Aborted (core dumped)

Or:

*** Received signal 11 ***
*** BEGIN MANGLED STACK TRACE ***
python3: cask/shaderlist_impl.h:50: void cask::ShaderList<ShaderType, OperationType>::sortHandles() const [with ShaderType = cask::ConvolutionShader; OperationType = cask::Convolution]: Assertion `((*i)->handle != (*prevI)->handle) && “Internal error: CASK: all shaders must have unique names”’ failed.
*** Received signal 6 ***
*** BEGIN MANGLED STACK TRACE ***
/usr/local/lib/python3.6/dist-packages/tensorflow/python/…/libtensorflow_framework.so(+0x72e368)[0x7f7005a368]
*** END MANGLED STACK TRACE ***

/usr/local/lib/python3.6/dist-packages/tensorflow/python/…/libtensorflow_framework.so(+0x72e368)[0x7f7005a368]
*** END MANGLED STACK TRACE ***

*** Begin stack trace ***
tensorflow::CurrentStackTraceabi:cxx11
*** End stack trace ***
Aborted (core dumped)

My environment is :

  • NVIDIA Jetson NANO
  • Jetpack: 4.2 [L4T 32.1.0]
  • CUDA: 10.0.166
  • cuDNN: 10.0.166
  • CUDA: 7.3.1.28-1+cuda10.0
  • TensorRT: 5.0.6.3-1+cuda10.0
  • Tensorflow: 1.13.1

There are no errors with creating the tf-trt graph on nano. The error occurs when calling sess.run().
How can I solve this? Thank you.

Hi,

We didn’t meet this before.
Would you mind to share you python script so we can reproduce this internally?

Thanks.

@AastaLLL Thanks for your replying. Here is the test file. https://www.dropbox.com/s/bubxh9v5bsu0saf/crash.zip?dl=0

Hi AastaLLL,

Any update about it? Is there a workaround for this?

Thanks

Hi,

We cannot de-serialize the .pb file in our environment.
The model file is very large and is hard to fit into Jetson Nano.
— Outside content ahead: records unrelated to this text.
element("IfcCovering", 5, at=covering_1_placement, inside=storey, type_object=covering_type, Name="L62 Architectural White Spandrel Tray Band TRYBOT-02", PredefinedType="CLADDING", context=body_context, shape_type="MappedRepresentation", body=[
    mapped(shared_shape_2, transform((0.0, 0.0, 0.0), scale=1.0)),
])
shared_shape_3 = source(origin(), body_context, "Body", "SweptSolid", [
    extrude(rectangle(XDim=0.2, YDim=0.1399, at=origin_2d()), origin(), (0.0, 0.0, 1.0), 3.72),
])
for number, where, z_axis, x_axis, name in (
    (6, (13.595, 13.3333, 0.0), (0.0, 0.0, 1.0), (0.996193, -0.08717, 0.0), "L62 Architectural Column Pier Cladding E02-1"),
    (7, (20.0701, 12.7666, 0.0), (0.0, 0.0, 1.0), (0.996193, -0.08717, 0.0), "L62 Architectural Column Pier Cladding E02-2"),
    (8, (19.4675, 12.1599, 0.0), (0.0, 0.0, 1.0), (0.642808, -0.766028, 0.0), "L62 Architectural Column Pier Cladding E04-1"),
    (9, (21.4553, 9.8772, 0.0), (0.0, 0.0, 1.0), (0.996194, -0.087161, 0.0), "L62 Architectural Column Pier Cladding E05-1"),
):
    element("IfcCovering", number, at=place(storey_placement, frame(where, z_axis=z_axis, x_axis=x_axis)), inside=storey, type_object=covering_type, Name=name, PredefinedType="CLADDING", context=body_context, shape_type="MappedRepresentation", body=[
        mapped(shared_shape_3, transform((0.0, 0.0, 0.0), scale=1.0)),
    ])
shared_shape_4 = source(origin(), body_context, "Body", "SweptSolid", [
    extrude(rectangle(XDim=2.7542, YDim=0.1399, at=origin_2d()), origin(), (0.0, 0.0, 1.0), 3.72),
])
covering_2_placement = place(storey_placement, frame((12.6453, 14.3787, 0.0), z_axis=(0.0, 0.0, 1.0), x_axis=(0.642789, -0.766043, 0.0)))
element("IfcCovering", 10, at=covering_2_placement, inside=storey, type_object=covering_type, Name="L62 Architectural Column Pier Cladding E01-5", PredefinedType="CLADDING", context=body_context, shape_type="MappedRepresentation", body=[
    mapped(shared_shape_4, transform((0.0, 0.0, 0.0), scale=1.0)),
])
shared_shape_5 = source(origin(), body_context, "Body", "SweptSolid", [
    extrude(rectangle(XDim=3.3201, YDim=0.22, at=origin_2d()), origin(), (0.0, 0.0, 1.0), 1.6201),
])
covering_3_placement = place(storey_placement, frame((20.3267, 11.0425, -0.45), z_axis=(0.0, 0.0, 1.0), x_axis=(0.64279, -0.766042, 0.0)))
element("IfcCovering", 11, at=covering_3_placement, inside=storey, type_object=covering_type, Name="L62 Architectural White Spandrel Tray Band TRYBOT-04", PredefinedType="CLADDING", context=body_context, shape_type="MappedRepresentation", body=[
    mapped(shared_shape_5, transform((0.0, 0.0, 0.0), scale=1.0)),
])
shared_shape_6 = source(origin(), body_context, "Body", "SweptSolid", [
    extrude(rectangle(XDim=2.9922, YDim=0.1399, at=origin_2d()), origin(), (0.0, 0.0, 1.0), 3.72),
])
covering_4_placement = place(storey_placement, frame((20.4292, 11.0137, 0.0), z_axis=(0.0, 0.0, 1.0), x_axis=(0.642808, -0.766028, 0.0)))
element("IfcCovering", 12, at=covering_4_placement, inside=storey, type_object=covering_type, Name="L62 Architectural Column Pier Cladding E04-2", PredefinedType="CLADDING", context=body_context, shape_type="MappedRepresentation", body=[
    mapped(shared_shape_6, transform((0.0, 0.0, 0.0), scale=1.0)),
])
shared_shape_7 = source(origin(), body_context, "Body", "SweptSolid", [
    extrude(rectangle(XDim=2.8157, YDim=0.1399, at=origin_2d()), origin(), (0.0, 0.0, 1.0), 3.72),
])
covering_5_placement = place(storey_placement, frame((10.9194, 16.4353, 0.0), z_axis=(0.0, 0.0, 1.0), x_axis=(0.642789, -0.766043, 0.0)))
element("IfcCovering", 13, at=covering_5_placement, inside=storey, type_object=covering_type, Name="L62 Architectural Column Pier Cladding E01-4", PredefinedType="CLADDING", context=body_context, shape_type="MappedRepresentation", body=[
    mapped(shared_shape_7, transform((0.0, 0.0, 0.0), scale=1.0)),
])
Do you meet any issue on the deserialization?

Thanks.

Hi AastaLLL,

I don’t have any issue on deserialization. It takes around 20 seconds for parsing and importing the graph from .pb file.
BTW, I added 6G swapfile on my Jetson Nono.

Thanks

Hi,

Guess the swap memory causes this issue.

Please noticed that swap memory cannot be used as a GPU memory.
This can also explain why there is a failure rate on this issue.

If the swap is used for CPU utilization, the application works well.
App failed if the swap is used as GPU memory.

It’s recommended to run the inference with pure TensorRT, which saves lots of memory.
Thanks.

Hi AastaLLL,

Got it. Thanks for explanation. I will try pure TensorRT.

Thanks.